青木:レーザーレーダによる物体検出と、ディープラーニングによる画像認識の2つの技術を組み合わせています。
レーザーレーダとは、レーザーを照射してその散乱光を測定することで、遠くにある物体までの距離を分析する技術。これによって分析した物体と地図のデータを突合することで、車がどのような環境を走行しているのかを認識しているのです。
その精度をさらに上げるために、周囲を撮影し、その写真をディープラーニングによって解析させています。画像認識という方法はかつて、認識率が低いため「自動運転では使いものにならない」とされてきました。ですが、ディープラーニングという技術が登場したことで、認識の確率が飛躍的に向上したのです。
これらの技術の合わせ技によって、自動車が走行している環境を高い精度で認識できるようになっています。
自動運転が、社会の構造そのものを変えていく
―そういった高い技術を駆使することで、自動運転が現実のものとなりつつあるのですね。安全性については、心配ないのでしょうか?
青木:先ほど述べた2つの技術があれば、事故が起こる可能性は極めて低くなると考えています。また、突然飛び込んでくる障害物や人に対しては、現在の自動車にも使われているPCS(Pre-clash Safety System:進路にある障害物や歩行者をセンサーで検出することで、衝突の可能性が高いときにシステムが警報やブレーキ制御を行い、衝突を回避するシステム)を用いるため問題ありません。

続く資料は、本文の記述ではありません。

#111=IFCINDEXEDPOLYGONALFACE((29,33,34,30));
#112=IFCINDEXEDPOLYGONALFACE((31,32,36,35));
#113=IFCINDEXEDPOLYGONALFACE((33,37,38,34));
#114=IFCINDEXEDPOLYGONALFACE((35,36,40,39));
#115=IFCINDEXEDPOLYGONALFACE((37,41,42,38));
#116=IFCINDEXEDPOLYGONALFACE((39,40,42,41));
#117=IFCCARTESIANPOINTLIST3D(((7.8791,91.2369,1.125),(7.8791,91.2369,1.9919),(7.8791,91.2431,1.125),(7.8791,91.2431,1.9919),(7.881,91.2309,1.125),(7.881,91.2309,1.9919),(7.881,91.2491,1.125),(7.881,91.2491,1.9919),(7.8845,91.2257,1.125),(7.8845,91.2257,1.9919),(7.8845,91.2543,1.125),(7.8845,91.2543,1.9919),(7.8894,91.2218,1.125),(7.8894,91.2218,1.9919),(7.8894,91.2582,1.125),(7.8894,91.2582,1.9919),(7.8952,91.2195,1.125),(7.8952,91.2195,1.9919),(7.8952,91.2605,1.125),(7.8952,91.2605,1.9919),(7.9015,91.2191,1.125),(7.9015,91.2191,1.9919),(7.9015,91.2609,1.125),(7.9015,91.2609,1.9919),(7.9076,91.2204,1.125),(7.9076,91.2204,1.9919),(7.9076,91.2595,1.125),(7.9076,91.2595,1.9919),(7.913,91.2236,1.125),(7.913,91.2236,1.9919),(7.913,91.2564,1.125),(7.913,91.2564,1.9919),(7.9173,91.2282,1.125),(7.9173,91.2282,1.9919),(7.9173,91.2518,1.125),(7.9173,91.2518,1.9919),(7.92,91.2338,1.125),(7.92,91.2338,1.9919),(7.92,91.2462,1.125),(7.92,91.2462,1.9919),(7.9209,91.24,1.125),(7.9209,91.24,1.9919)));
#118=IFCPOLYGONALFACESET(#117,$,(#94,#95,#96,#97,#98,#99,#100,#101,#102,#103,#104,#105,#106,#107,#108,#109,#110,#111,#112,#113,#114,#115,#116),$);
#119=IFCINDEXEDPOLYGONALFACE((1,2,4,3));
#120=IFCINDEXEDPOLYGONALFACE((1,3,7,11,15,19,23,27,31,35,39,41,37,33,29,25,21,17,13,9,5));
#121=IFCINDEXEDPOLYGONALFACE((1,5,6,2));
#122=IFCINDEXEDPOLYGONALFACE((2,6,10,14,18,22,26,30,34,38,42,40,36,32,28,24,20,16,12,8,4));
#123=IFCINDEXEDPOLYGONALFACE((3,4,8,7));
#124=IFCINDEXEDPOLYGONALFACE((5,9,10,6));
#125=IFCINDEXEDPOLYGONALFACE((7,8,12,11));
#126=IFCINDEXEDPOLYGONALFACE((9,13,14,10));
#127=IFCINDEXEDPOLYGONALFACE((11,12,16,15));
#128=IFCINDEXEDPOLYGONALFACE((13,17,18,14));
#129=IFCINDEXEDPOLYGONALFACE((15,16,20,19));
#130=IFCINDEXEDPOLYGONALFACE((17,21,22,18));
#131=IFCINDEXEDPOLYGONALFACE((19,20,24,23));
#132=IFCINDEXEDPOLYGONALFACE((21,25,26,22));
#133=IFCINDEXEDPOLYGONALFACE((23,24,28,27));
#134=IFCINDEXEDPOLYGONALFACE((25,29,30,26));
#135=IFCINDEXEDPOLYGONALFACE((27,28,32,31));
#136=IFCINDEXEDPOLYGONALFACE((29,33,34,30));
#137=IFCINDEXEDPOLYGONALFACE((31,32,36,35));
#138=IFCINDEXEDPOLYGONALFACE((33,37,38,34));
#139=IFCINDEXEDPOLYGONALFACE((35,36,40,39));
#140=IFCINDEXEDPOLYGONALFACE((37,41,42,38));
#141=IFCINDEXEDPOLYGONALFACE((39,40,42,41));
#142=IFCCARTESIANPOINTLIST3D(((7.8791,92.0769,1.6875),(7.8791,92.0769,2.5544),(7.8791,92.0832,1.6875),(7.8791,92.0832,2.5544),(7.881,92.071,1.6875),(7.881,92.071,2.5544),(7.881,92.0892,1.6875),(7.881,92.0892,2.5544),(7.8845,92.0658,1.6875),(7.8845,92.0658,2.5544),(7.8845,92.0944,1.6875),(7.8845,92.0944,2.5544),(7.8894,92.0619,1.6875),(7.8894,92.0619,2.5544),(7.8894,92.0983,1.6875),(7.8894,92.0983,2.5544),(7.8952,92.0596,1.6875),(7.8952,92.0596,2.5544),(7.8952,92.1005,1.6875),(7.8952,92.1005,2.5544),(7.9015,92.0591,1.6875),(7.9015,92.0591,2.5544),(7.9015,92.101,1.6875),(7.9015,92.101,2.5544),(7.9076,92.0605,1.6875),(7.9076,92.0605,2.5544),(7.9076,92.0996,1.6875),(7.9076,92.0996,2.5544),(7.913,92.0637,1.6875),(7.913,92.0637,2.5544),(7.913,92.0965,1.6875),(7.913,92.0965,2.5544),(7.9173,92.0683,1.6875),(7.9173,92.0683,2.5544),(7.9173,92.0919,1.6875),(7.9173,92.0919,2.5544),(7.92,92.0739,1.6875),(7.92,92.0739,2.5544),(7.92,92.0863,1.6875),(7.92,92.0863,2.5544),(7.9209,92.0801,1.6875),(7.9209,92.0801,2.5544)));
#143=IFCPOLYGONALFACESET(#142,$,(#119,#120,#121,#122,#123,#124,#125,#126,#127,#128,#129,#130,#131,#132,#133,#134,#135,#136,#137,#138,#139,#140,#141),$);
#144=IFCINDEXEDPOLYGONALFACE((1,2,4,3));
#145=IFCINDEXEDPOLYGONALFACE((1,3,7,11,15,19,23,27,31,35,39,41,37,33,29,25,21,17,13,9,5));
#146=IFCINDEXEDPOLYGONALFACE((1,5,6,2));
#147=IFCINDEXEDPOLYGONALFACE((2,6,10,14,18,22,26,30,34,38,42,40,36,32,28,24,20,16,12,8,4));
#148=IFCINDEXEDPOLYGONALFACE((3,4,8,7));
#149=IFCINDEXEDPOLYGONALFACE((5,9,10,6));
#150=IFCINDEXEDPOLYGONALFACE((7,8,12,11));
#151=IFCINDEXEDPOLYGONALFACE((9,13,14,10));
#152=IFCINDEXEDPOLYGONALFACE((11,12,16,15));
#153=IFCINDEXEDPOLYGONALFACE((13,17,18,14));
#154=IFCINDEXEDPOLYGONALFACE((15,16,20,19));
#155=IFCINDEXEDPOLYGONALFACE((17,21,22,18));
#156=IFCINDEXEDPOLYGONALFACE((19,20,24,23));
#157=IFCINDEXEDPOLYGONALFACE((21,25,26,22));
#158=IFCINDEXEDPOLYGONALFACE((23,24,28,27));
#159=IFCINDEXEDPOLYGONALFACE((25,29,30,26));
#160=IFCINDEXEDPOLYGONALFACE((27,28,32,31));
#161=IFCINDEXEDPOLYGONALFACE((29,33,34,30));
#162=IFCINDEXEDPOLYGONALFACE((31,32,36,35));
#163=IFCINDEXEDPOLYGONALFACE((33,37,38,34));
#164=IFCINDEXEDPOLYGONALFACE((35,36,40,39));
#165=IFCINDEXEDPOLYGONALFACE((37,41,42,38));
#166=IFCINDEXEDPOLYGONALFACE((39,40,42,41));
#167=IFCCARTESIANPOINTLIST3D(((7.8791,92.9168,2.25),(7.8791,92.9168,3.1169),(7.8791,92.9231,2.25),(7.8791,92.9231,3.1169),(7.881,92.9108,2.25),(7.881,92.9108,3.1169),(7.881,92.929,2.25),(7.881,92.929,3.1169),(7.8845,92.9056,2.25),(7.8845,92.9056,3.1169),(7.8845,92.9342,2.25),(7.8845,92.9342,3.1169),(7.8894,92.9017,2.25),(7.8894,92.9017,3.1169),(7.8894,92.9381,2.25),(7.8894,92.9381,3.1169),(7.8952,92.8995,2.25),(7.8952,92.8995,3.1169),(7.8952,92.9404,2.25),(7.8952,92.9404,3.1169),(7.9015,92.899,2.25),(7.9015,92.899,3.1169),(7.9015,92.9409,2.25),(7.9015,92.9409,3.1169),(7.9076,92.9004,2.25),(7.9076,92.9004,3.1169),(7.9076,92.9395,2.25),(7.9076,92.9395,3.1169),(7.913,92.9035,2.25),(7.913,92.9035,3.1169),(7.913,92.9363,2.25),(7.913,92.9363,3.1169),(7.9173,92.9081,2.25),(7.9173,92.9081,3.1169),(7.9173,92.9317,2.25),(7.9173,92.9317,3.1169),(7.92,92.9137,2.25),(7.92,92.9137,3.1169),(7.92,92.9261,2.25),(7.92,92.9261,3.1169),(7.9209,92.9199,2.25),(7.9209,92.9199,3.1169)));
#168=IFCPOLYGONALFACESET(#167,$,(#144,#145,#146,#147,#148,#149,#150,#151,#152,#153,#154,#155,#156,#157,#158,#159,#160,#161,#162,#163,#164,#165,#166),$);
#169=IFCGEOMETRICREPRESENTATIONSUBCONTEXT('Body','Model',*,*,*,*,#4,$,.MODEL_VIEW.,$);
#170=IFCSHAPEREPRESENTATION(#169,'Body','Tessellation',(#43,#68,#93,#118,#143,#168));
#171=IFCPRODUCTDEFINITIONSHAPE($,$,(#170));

それでもなお起きてしまうような例外的な事故は、たとえ人間が運転したとしても起こってしまうでしょう。つまり、これらのテクノロジーによって、自動運転の運転技術は「人間と同じ水準まで高まる」と言えるわけです。むしろ、長時間運転しても疲れることがない分、自動運転の方が安全とすら言えるかもしれません。
―それはすごい!自動運転が普及した先に、どのような未来が広がっているのか本当に楽しみです。
青木:自動運転が実現すれば、社会の構造そのものが変わることになるでしょう。もし宅配が無人化すれば生活はより便利になるでしょうし、バスが24時間走り、深夜でも自由に移動できる社会が実現することもあり得ます。様々な分野に影響を及ぼし、私たちの生活を良い方向に変える可能性を秘めていると、私は信じているのです。その可能性を現実のものとするため、私たちはこれからも研究を続けていきます。
まるでSF作品のような未来は、私たちのすぐ目の前に
「大手の自動車メーカーでは、自動運転の商品化は難しい」
確固たる信念を持ち、そう断言した青木さん。その強い言葉の裏には、現代のクルマ社会が抱える課題と徹底的に向き合い、それをなんとしても解決したいと願う彼の想いがありました。そして、その想いはいま、自動運転を現実のものにしようとしています。
かつて、SF作品に登場する夢物語でしかなかったはずの自動運転。そのフィクションを“ノンフィクション”に変えてくれるのは、エンジニアの持つ熱き情熱に他なりません。